If the government were serious about using this system they would write that Mariia comes from Moskva in Rossiia. But they don’t. Only for her name.
My last name is a Polish spelling of a Belarussian name (blame the 20th Century history of that part of the World). Being born and growing up in the US my name has never been pronounced “properly” ever.
The first time I flew to Warsaw in the mid 90s I rented a car. The woman behind the counter asked me my name. I said it and she instantly wrote it down and got every letter right.
I waited my whole life for that!
Fine, but “ii” isn’t transliterating я. It’s transliterating и́. Look it up.
Just a suggestion: Consider reading comments before replying to them.
Ever tried to read Welsh? Sounds like a similar experience.
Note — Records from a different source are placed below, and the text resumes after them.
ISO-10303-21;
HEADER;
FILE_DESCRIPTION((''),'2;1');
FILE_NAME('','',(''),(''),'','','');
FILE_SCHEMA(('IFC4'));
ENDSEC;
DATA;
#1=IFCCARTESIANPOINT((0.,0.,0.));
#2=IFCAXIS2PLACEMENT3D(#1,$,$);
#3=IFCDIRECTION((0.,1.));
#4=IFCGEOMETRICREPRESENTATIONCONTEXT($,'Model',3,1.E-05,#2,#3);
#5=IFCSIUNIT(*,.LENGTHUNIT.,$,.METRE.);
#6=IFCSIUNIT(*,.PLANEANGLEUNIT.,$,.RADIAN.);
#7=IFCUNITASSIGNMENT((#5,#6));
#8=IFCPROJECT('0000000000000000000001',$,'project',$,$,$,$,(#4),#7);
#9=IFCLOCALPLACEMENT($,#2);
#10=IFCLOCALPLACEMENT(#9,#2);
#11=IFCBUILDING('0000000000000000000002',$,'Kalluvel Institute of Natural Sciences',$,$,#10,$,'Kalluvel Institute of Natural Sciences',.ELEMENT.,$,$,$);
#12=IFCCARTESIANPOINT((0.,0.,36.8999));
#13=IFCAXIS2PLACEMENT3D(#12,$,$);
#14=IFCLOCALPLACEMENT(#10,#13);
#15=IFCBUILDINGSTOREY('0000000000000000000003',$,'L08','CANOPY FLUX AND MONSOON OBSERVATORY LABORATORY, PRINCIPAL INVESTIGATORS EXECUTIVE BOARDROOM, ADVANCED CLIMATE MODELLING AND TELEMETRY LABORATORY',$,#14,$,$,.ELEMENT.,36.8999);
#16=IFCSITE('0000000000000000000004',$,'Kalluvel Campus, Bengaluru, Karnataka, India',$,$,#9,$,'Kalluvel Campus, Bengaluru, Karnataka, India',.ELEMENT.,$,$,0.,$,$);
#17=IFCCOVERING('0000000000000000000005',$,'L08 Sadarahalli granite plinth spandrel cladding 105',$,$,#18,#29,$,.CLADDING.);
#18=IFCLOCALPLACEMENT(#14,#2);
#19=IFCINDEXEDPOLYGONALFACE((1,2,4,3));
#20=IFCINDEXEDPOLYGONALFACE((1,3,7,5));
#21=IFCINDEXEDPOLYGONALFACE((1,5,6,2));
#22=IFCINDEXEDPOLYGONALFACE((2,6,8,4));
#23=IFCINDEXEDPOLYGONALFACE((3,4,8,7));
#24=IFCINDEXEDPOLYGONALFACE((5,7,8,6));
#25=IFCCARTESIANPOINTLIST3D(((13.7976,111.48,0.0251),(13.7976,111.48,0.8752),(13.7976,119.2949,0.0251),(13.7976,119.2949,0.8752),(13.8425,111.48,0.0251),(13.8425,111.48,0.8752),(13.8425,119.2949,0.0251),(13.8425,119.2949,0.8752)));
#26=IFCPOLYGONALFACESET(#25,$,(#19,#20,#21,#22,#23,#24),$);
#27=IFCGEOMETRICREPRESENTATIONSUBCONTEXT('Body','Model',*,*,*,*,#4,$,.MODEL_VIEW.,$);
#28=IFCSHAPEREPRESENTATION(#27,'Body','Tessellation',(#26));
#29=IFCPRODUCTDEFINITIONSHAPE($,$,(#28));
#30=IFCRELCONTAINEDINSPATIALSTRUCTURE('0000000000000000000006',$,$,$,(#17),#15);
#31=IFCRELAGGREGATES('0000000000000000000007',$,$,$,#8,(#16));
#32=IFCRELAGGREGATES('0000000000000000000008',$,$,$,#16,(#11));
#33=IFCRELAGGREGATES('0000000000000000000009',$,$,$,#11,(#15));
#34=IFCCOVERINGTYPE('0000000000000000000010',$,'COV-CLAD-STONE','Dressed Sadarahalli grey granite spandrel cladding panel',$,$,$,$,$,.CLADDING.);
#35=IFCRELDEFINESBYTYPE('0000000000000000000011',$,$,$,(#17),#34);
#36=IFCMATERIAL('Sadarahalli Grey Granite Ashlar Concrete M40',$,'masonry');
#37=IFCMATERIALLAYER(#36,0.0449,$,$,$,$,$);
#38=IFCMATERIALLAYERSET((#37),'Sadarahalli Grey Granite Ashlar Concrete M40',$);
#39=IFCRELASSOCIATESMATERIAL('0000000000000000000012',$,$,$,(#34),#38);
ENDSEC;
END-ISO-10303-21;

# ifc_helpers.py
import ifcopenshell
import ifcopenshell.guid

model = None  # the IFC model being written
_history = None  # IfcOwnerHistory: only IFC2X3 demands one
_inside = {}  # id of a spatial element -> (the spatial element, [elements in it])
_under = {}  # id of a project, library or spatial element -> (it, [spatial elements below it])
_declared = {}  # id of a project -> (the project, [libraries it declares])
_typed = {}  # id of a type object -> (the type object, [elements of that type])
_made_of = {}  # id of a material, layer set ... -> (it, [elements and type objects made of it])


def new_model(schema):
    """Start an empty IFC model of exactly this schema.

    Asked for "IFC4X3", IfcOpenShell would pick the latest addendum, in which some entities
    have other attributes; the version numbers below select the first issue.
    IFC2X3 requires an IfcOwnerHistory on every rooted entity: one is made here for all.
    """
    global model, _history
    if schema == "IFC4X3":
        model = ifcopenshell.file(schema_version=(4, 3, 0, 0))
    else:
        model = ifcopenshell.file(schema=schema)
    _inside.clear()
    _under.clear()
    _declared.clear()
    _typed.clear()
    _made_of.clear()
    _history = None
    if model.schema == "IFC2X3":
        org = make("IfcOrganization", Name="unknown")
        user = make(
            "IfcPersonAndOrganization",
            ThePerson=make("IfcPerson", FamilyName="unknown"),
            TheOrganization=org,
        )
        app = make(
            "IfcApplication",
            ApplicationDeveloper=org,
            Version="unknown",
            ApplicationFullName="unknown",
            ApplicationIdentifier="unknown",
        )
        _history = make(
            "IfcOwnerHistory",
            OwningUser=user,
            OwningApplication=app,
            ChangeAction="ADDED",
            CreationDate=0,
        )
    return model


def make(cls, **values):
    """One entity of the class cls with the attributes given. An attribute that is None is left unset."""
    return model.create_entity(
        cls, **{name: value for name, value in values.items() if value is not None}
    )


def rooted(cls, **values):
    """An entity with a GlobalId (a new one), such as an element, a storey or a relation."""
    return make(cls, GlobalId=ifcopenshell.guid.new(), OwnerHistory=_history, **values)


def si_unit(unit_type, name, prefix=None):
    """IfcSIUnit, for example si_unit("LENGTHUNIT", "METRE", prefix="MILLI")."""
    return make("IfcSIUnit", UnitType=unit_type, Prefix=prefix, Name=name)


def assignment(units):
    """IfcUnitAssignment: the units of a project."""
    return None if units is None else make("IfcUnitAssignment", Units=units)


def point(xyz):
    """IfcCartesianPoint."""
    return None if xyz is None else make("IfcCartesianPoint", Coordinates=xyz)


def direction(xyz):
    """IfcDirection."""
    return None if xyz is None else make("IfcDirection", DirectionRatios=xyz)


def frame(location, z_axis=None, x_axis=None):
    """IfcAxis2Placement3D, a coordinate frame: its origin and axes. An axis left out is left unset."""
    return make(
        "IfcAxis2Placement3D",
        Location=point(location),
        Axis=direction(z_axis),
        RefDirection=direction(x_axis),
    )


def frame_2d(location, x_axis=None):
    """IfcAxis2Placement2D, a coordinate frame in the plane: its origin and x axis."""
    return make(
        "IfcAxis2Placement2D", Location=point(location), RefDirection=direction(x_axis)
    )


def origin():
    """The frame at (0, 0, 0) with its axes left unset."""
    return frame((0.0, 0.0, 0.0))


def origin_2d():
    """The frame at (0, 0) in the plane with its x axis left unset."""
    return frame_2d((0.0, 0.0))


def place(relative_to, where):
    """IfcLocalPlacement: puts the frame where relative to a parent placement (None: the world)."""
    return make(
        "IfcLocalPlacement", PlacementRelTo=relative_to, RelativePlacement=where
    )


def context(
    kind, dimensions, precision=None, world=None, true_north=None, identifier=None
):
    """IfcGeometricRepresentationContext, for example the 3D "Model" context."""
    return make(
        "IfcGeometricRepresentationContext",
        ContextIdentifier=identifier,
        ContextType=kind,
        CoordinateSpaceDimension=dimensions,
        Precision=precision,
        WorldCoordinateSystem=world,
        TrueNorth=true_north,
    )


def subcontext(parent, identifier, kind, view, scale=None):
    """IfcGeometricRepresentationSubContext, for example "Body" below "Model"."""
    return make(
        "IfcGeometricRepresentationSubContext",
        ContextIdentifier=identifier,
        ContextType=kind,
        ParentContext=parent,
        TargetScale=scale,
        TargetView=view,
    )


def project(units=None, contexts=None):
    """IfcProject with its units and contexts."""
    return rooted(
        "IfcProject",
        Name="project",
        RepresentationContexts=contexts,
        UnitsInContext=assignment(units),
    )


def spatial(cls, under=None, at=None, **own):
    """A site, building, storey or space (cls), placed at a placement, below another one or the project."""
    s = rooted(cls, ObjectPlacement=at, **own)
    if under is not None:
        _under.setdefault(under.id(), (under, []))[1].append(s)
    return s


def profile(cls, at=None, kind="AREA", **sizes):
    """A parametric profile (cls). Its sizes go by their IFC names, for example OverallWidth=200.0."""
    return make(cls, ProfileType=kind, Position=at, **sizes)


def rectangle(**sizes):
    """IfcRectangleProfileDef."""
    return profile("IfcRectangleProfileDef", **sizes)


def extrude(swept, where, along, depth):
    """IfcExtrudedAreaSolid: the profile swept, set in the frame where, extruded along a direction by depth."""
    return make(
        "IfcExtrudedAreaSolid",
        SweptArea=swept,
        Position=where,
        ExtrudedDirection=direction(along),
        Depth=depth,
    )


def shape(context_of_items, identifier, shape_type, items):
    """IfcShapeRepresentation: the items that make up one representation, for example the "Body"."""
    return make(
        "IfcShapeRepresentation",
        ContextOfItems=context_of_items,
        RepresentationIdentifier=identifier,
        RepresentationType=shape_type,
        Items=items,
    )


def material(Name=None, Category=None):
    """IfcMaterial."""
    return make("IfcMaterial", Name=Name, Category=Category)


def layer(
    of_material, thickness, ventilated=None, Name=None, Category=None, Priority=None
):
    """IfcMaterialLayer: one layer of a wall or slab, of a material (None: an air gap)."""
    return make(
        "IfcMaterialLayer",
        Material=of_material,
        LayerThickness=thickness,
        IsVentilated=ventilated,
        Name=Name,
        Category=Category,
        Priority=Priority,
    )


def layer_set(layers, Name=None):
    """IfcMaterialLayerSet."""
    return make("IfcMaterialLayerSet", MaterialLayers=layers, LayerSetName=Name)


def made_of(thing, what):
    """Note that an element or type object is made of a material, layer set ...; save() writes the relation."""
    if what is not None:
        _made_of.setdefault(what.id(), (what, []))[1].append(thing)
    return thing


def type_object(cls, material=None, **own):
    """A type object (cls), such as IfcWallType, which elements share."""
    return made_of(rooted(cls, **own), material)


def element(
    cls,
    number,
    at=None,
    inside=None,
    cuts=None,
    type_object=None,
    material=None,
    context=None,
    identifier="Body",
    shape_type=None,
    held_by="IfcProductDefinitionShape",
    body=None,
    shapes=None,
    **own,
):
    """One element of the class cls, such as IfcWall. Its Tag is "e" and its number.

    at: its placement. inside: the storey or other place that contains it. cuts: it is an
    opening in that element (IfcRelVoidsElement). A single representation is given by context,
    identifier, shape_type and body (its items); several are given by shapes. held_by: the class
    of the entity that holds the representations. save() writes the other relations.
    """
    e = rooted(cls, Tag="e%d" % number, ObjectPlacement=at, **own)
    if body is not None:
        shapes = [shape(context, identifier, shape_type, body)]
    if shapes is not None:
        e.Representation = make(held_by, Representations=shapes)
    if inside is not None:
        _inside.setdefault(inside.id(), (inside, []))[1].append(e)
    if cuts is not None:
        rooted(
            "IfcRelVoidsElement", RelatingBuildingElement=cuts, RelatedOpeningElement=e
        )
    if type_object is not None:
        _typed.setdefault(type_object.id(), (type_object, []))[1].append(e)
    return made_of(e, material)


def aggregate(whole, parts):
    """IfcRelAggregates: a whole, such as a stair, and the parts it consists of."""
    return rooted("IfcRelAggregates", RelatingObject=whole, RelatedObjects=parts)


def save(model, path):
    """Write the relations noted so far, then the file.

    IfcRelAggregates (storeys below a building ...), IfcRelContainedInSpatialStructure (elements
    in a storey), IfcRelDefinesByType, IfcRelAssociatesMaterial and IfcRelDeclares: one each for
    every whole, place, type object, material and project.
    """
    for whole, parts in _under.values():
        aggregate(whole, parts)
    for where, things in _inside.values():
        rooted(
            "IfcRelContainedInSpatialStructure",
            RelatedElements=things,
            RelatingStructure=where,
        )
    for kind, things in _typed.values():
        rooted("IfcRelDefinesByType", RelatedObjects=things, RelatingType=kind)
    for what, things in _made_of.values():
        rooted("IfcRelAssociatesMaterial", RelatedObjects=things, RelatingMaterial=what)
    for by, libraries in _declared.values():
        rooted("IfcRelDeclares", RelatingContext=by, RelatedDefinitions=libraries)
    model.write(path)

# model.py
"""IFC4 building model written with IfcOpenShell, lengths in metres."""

from ifc_helpers import new_model, si_unit, direction, frame, origin, origin_2d, place, context, subcontext, project, spatial, rectangle, extrude, material, layer, layer_set, type_object, element, save


model = new_model("IFC4")

# Units and contexts
model_context = context("Model", 3, precision=1e-05, world=origin(), true_north=direction((0.0, 1.0)))
body_context = subcontext(model_context, "Body", "Model", "MODEL_VIEW")
ifc_project = project(units=[si_unit("LENGTHUNIT", "METRE"), si_unit("PLANEANGLEUNIT", "RADIAN")], contexts=[model_context])

# Site, building, storey
site_placement = place(None, origin())
site = spatial("IfcSite", under=ifc_project, at=site_placement, Name="Kalluvel Campus, Bengaluru, Karnataka, India", LongName="Kalluvel Campus, Bengaluru, Karnataka, India", CompositionType="ELEMENT", RefElevation=0.0)
building_placement = place(site_placement, origin())
building = spatial("IfcBuilding", under=site, at=building_placement, Name="Kalluvel Institute of Natural Sciences", LongName="Kalluvel Institute of Natural Sciences", CompositionType="ELEMENT")
storey_placement = place(building_placement, frame((0.0, 0.0, 36.8999)))
storey = spatial("IfcBuildingStorey", under=building, at=storey_placement, Name="L08", Description="CANOPY FLUX AND MONSOON OBSERVATORY LABORATORY, PRINCIPAL INVESTIGATORS EXECUTIVE BOARDROOM, ADVANCED CLIMATE MODELLING AND TELEMETRY LABORATORY", CompositionType="ELEMENT", Elevation=36.8999)

# Shared definitions
ifc_material_1 = material(Name="Sadarahalli Grey Granite Ashlar Concrete M40", Category="masonry")

# Covering
ifc_layer_1 = layer(ifc_material_1, 0.0449)
ifc_layer_set_1 = layer_set([ifc_layer_1], Name="Sadarahalli Grey Granite Ashlar Concrete M40")
covering_type = type_object("IfcCoveringType", Name="COV-CLAD-STONE", Description="Dressed Sadarahalli grey granite spandrel cladding panel", PredefinedType="CLADDING", material=ifc_layer_set_1)
covering_placement = place(storey_placement, frame((13.8201, 115.3875, 0.0251), z_axis=(0.0, 0.0, 1.0), x_axis=(0.0, 1.0, 0.0)))
element("IfcCovering", 1, at=covering_placement, inside=storey, type_object=covering_type, Name="L08 Sadarahalli granite plinth spandrel cladding 105", PredefinedType="CLADDING", context=body_context, shape_type="SweptSolid", body=[
    extrude(rectangle(XDim=7.8149, YDim=0.0449, at=origin_2d()), origin(), (0.0, 0.0, 1.0), 0.8501),
])

save(model, "model.ifc")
I hereby commit my vote to you for the Internet Comment of the Year Award, and nominate you to the Interwebinarnet Hall of Famers
"Despite this clear prohibition, the government has encountered multiple recent instances of you in the press commenting about the merits and evidence of this case,” the prosecutors wrote to attorney Robert Driscoll
I don’t understand how Driscoll is supposed to zealously represent his client if he isn’t allowed to inoculate potential jurors against evidence, or signal to Trump voters that they’re required to give political cover to GOP puppets who intervene on her behalf.
Back in my day, the Job Creators and Captains of Industry were given a free hand to order society as they saw fit. But now it’s like some people think the law should just be words on a page that we apply robotically to everyone no matter whose lap she’s been sitting on.
This country used to stand for something!
Russian, American, whatever. Libertarians think it doesn’t matter who sits at the top of government if government is miniscule.
Nobody ever accused Libertarians of being especially careful thinkers, though, or of being overly attentive to details or history.
It’s like you’re trying to draw a full-color HDR photo of the Mona Lisa on a TI-86 graphing calculator. It just doesn’t have the resolution. Stick to Tetris or Snake.
I was just going to make that comment. Ya beat me to it.